Our insurance just sent us the paperwork, and our premium would nearly double in January. Of course, we can't afford that, so essentially the private insurance companies are going to push everyone independently insured onto the exchanges or onto an employee benefit plan. Be very curious to see if they're going to double premiums for corporations buying group plans, also.

It seems to me obvious that there will be a gap where people start to lose subsidies as they earn more. So you'll see folks without employee insurance making more money and living better up to a point, then hitting that gap and making more money but living the same, then exiting the gap and making more money and living better. Can't see how it's fair, but I doubt it's the end of the world. In reality, how many people are in a situation where they will be buying their own health care and creeping up in income out of the subsidy zone? Doesn't seem like that many folks.

Carrie, Re: "the phone rep made a point of telling me that the premium would be going up the next January because of the ACA, and it has gone up every year."

I get a kick out of your gullibility. The broker/agent is going to be out of a job with exchanges because they disintermediate this intermediary. They were the folks lobbying against exchanges because it will reduce their income.

I've got a bridge for you.

Probably by relying on arithmetic instead of magical thinking. Cost shifting is great for vote buying (what do you think that $600 was for? Your looks?), but it always results in higher costs over all.
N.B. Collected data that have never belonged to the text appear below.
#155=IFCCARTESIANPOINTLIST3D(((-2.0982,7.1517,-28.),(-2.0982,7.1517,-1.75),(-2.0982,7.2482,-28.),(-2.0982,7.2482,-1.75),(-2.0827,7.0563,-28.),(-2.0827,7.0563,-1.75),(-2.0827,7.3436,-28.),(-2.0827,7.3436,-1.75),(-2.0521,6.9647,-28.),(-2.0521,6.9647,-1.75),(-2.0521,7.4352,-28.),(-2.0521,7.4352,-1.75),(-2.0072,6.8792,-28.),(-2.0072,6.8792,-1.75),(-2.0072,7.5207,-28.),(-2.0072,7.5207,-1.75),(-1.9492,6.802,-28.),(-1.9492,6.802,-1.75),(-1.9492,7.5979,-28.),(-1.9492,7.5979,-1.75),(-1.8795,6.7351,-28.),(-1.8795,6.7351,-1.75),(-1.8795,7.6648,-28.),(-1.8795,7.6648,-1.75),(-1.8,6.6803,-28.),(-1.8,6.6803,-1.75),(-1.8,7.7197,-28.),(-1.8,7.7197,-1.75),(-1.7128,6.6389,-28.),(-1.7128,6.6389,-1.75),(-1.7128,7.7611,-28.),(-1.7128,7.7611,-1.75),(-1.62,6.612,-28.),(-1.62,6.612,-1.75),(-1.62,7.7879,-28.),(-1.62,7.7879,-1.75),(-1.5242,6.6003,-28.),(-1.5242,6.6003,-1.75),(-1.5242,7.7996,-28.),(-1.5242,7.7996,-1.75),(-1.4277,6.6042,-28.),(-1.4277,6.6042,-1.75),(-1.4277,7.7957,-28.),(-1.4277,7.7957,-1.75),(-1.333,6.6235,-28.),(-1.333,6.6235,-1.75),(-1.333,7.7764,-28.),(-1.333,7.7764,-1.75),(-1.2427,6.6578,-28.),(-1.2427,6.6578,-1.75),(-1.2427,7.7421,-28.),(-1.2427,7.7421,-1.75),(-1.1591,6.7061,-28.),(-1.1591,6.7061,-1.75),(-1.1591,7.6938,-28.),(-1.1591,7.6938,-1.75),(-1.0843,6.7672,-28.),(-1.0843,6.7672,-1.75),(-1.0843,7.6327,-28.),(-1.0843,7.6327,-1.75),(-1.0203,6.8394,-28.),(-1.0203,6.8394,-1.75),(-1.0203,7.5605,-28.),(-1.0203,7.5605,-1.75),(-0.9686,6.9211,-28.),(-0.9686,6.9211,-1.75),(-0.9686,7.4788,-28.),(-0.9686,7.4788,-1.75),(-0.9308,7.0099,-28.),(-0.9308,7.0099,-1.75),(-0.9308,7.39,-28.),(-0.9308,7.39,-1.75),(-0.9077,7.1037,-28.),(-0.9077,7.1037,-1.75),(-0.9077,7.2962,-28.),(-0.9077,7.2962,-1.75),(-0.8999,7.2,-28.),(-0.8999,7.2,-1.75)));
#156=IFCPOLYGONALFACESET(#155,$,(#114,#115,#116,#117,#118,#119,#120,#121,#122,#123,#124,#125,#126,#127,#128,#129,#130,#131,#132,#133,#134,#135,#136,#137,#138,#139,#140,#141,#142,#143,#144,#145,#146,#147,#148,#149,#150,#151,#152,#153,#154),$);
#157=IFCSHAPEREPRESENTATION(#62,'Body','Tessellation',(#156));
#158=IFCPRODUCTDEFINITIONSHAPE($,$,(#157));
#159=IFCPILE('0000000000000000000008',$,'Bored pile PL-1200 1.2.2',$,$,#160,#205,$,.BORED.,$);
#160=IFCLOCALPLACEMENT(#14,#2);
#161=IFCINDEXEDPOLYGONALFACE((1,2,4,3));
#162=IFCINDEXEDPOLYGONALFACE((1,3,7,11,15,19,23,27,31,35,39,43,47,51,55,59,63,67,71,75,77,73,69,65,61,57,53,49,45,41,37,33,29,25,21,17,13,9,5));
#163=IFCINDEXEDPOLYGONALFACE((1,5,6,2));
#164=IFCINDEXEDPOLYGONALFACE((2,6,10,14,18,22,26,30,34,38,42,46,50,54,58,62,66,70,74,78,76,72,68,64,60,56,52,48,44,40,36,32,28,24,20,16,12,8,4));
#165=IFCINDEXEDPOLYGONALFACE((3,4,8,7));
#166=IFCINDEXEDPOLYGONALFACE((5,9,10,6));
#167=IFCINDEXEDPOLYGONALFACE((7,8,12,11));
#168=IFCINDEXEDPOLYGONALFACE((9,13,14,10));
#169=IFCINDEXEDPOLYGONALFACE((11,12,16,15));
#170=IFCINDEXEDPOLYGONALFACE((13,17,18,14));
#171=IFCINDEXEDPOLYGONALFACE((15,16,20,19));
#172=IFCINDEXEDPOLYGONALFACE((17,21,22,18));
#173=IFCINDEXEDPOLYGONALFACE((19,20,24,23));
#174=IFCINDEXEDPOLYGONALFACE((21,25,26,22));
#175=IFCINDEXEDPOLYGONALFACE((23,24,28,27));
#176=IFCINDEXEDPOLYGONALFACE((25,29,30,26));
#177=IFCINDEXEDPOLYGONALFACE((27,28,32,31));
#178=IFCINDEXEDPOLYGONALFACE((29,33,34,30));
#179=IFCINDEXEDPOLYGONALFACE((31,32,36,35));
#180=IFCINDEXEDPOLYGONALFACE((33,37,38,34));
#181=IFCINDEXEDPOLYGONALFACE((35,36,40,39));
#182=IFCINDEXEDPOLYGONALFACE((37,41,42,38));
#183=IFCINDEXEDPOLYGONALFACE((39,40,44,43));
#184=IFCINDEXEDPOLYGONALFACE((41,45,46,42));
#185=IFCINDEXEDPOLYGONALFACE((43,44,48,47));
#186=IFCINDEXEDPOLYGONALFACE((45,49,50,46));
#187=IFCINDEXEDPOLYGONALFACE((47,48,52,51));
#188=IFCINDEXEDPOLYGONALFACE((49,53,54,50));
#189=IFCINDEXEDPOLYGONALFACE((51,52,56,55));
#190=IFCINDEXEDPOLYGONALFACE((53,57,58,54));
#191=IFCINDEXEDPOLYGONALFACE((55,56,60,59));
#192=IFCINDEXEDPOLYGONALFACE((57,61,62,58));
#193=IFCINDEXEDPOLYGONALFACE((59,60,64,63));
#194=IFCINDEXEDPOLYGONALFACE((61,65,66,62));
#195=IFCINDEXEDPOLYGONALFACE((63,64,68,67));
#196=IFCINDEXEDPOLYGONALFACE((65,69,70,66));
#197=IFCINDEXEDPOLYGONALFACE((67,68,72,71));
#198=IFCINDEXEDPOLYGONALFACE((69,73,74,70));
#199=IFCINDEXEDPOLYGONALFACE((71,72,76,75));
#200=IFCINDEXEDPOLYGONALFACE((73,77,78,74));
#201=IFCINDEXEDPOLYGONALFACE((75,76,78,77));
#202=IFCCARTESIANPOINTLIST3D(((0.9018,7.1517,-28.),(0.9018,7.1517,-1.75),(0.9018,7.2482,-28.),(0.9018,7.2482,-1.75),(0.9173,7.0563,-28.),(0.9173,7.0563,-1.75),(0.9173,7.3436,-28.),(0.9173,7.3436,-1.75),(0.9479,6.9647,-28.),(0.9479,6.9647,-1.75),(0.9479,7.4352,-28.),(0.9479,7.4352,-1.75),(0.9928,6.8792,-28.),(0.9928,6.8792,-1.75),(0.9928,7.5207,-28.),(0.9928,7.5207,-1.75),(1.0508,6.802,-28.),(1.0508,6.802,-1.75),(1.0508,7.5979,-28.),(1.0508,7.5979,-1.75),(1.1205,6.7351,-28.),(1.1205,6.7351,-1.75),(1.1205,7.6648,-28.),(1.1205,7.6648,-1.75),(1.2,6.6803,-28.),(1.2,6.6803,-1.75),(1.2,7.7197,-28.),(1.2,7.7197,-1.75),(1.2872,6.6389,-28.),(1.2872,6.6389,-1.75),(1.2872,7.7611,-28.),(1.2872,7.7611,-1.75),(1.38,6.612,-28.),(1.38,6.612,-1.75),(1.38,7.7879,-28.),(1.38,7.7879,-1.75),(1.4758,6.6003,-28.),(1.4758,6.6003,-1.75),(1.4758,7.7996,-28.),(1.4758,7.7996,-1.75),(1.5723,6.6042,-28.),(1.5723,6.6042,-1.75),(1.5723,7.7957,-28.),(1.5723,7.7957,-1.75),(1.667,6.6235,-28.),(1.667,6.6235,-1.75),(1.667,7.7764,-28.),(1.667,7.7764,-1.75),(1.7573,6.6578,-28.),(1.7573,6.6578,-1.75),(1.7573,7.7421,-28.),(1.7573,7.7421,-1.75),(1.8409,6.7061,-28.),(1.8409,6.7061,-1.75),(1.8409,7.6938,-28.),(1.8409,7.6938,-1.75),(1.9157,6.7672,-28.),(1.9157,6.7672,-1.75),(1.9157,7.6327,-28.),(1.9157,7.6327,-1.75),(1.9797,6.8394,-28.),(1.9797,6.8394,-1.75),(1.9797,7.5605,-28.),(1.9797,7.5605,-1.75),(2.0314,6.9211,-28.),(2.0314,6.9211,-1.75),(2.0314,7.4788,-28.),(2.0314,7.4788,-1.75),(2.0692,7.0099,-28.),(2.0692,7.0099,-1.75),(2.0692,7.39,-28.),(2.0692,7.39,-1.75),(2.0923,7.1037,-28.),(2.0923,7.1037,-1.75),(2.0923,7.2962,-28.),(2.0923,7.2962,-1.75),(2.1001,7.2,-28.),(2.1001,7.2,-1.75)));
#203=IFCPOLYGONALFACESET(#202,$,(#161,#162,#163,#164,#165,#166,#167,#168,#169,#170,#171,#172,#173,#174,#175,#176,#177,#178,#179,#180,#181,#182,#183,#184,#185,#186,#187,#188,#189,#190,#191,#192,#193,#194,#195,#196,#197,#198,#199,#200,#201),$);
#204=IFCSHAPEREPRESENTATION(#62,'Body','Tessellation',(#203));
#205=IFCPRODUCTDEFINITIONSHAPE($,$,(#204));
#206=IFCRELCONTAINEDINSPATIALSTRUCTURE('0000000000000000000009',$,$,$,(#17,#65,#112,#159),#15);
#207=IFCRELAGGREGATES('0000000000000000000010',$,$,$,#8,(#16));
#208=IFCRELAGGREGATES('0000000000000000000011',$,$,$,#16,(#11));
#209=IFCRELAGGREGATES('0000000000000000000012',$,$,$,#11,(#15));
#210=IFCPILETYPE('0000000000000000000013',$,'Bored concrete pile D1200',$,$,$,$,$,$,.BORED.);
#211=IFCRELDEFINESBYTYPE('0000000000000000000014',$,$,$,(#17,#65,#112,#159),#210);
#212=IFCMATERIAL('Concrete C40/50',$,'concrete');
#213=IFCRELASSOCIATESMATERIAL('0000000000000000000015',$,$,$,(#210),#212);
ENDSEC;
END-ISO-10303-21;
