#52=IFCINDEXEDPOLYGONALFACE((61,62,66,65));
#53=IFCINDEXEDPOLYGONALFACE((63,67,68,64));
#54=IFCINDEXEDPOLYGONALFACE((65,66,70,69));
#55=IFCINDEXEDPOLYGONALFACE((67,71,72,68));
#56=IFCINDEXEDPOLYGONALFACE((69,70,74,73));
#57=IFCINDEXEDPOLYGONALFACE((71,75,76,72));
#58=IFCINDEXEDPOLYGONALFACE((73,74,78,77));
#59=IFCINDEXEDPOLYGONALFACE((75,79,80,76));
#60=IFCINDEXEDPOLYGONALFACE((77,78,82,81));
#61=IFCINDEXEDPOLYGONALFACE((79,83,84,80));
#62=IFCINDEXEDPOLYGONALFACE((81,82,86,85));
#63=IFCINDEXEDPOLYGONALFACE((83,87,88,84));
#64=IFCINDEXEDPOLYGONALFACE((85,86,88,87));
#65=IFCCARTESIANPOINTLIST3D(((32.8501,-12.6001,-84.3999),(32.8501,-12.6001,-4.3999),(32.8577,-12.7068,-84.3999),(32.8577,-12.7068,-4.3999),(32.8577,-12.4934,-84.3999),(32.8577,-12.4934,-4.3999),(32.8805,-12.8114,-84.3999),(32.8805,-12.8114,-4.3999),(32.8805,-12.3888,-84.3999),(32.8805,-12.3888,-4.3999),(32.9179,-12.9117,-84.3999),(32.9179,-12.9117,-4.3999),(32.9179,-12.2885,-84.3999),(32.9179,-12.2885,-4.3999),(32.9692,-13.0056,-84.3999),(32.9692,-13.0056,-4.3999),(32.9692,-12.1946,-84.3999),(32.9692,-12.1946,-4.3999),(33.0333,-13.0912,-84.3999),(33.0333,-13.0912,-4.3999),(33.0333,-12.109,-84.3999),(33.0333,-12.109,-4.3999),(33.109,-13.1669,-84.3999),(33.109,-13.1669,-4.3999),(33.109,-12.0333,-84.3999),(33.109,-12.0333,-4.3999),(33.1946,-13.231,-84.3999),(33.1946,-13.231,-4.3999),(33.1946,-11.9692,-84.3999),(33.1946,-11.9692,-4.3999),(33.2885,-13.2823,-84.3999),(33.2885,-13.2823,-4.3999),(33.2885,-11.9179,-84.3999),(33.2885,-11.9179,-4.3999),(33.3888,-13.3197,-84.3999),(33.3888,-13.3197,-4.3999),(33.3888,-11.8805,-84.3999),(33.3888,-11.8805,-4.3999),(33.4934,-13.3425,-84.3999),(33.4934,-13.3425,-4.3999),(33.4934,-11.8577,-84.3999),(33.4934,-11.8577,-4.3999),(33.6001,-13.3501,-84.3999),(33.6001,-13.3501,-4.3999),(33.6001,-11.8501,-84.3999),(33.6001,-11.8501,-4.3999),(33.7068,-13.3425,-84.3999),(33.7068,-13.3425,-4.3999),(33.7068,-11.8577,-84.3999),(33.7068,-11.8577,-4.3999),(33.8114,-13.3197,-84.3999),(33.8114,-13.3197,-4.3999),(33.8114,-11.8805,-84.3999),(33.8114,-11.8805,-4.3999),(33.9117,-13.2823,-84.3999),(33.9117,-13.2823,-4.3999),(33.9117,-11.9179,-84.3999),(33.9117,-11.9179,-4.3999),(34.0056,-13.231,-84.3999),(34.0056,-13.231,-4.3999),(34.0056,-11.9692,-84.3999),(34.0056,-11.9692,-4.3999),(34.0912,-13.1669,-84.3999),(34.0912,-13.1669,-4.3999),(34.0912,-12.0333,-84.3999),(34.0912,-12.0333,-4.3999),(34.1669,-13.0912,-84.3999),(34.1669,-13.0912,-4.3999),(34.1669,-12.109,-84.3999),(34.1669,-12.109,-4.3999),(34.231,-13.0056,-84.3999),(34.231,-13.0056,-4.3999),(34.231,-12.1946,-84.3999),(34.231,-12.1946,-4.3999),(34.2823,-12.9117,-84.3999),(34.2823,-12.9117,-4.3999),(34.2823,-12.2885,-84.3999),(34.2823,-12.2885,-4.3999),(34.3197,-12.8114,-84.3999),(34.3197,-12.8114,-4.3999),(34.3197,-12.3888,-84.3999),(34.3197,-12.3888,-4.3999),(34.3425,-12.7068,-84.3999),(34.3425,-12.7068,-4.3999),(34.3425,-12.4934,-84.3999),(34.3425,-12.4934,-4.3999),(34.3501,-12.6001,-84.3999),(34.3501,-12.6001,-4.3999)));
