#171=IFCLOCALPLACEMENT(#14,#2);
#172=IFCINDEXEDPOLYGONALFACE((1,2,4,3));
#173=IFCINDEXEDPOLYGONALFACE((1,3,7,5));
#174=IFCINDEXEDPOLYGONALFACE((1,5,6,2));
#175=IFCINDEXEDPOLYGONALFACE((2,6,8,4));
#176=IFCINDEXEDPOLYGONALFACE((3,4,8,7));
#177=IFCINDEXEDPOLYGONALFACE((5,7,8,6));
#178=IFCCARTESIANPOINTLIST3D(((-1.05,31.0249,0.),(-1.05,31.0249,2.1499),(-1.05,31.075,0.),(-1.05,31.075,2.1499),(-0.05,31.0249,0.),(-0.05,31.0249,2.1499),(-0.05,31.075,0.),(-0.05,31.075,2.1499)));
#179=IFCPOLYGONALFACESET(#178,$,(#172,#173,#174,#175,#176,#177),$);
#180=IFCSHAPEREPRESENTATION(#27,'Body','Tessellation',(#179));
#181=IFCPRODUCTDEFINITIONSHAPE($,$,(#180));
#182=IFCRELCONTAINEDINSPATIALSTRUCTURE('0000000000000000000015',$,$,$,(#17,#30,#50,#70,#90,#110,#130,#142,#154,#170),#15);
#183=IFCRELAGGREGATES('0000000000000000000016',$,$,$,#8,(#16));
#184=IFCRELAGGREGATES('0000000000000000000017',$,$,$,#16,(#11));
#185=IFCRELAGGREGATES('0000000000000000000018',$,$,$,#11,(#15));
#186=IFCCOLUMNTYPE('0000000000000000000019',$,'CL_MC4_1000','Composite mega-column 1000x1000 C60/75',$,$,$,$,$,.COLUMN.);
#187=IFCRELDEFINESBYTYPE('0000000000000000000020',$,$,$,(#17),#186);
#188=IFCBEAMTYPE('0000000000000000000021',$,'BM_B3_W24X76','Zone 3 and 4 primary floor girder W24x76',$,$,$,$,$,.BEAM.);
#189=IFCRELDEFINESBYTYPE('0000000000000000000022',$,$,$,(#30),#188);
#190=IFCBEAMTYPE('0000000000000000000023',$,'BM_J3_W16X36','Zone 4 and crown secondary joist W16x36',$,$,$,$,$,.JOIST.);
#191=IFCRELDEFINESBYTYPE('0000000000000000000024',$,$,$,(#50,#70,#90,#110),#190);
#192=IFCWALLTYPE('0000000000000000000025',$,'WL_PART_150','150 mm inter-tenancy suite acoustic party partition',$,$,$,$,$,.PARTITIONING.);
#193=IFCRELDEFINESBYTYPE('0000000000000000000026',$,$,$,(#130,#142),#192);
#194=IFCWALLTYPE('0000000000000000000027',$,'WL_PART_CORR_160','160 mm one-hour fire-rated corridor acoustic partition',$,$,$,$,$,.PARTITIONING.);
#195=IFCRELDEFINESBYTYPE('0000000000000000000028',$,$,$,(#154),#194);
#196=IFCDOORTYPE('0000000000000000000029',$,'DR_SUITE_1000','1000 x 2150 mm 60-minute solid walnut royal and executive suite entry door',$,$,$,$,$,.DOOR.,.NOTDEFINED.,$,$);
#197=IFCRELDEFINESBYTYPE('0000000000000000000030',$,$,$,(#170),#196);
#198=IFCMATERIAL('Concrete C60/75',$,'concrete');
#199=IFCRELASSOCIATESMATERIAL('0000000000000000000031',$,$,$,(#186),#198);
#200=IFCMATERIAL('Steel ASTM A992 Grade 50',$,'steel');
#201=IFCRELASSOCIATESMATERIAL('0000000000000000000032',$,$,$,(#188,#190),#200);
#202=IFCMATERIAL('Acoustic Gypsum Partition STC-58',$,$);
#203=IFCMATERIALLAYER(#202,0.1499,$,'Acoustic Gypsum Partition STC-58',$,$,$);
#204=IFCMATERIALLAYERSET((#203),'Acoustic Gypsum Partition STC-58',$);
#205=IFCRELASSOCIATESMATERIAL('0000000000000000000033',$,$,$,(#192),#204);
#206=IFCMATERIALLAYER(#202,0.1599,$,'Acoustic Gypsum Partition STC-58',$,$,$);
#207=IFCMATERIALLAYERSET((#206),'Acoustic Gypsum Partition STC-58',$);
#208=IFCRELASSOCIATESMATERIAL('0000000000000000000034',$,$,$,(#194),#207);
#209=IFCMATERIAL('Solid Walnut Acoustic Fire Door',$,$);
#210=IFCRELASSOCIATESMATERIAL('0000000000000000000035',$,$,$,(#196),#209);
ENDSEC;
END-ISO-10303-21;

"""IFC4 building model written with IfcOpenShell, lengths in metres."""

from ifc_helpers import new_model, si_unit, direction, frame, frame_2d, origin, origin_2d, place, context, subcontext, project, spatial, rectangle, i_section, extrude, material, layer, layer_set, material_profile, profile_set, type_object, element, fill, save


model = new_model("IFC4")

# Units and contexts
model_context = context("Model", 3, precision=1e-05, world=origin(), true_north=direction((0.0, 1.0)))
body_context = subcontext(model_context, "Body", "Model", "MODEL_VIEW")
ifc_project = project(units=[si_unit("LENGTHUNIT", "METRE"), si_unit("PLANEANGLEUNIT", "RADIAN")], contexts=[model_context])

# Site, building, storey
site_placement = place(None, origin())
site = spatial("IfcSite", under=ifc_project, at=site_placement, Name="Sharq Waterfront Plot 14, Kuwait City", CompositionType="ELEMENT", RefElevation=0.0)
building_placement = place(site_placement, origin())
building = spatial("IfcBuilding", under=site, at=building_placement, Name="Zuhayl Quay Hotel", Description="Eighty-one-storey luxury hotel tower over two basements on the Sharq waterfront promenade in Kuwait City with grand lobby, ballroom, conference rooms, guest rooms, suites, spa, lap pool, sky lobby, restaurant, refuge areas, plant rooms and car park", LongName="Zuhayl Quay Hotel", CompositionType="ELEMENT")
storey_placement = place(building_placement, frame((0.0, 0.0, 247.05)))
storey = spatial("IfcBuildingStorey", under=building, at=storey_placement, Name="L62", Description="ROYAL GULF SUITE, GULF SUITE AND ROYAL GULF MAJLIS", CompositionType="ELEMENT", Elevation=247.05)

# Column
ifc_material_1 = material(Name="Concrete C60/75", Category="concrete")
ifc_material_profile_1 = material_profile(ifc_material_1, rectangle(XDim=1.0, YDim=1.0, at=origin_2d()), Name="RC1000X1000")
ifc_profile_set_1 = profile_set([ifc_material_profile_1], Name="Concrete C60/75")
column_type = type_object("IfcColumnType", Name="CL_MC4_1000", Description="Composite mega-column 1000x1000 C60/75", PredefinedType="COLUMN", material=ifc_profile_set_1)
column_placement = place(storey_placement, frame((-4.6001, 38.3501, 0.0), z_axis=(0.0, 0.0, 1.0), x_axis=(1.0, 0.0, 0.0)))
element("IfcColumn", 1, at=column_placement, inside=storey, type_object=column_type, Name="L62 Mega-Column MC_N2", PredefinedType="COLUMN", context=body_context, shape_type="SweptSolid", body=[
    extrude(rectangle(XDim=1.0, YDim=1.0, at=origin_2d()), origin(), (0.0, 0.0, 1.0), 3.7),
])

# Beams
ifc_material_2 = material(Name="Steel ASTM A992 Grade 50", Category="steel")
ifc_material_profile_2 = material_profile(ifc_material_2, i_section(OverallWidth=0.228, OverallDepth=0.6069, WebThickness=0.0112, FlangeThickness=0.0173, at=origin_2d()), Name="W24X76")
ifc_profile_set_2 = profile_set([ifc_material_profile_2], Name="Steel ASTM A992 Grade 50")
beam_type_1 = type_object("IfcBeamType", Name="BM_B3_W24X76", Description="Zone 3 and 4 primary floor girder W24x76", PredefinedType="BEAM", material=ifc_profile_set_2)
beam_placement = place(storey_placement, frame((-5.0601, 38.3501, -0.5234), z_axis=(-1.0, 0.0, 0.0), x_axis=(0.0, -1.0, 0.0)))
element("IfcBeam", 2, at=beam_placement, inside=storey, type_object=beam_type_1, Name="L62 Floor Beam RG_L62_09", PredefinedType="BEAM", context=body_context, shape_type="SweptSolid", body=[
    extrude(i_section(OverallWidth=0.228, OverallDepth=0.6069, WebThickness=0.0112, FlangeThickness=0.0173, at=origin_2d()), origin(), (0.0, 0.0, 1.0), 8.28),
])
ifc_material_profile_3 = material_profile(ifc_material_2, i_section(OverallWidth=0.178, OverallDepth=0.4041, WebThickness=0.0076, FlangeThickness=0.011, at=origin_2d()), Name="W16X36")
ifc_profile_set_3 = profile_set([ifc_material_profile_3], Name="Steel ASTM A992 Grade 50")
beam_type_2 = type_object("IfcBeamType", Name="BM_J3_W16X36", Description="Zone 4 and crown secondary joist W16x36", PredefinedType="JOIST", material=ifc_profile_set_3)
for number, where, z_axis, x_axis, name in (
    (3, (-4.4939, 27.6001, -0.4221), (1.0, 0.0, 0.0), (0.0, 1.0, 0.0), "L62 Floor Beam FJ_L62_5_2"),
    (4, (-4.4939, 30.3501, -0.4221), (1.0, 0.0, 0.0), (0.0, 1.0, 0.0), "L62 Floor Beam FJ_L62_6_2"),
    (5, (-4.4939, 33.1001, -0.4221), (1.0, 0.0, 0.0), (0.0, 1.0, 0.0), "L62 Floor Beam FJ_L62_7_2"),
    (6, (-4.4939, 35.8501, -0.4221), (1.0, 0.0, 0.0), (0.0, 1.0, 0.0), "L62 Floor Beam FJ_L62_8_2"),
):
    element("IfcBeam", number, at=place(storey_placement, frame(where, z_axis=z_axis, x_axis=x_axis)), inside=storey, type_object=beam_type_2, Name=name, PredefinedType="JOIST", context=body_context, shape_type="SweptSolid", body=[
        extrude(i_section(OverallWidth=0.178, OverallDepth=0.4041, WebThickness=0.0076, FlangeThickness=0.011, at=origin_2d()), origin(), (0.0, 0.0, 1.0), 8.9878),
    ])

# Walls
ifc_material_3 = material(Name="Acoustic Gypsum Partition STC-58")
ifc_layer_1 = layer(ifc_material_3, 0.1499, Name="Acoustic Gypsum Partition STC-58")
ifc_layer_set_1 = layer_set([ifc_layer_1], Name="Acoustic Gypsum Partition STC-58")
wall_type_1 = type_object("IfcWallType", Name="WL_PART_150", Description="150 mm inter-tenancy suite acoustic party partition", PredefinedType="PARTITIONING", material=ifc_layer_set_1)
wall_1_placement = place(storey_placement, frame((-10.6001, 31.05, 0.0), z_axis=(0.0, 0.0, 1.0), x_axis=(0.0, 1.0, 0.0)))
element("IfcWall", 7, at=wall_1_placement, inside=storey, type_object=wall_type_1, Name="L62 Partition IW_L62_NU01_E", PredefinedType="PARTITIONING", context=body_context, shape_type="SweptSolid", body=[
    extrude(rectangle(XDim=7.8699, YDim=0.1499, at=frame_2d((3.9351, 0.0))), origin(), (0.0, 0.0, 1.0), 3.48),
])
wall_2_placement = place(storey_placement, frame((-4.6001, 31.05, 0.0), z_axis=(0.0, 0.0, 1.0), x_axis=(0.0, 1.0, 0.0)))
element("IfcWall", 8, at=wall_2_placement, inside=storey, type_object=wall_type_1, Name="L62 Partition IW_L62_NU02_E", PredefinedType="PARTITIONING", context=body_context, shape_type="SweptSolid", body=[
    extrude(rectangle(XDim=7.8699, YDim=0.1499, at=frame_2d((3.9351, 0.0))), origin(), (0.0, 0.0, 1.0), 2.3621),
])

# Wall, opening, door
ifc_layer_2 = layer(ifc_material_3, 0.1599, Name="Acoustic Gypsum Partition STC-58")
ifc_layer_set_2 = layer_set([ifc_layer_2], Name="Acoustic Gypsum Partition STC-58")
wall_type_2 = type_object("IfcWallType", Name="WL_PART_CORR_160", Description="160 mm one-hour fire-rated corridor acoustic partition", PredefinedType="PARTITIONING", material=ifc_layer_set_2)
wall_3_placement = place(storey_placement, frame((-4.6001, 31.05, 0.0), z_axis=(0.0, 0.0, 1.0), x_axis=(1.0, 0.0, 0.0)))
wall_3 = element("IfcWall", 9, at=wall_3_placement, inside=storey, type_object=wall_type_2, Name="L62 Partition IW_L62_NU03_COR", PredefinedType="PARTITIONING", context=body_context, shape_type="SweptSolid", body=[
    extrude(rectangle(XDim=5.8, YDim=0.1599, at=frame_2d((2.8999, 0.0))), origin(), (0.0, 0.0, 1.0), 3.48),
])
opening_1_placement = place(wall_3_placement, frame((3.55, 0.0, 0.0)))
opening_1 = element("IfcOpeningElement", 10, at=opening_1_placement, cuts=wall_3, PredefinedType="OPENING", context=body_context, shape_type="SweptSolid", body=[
Bill, look up "income and substitution effects". If you manage to comprehend what you read, you'll spare many people from the pain of face-palming at your comments.

Do you expect this massive deception by omission will end soon?
"The Public Be Suckered"

Mulligan's summary doesn't say much, and the paper itself is gated.

Hard to evaluate his argument.

You can go to his website and get the analysis from other papers.

Ironic isn't it. Advocating for the right to be a free rider but publishing in a forum that requires payment is not part of the elitist club because tax paying non-elite free riders should not be allowed to see the papers often funded by taxpayers and provided free to those funded by taxpayers.

A guy at work now thinks this will work out great for him. He will retire from his present good-paying job, go on Obamacare and get a subsidy because his income will then be low, and work under the table to make more money. What could go wrong?

You will probably see more 62 year olds retire, but they will not get a subsidy (look up the eligiblity requirements for yourself), but they will make room for younger folks since they can now get insurance without an employer.

You could always get insurance without an employer. Even 62 year olds, although you might have had to move to a new state (about 15 didn't have high risk pools). That's a myth we were fed that trapped a lot of people in jobs and that helped propagandize through the ACA.


Of course, all these programs end January 2014.

So if I have a car, and a law is passed that penalizes me if I do not have one, and gives subsidies to those that can't afford one, does my marginal tax rate increase, when I was already paying for my car?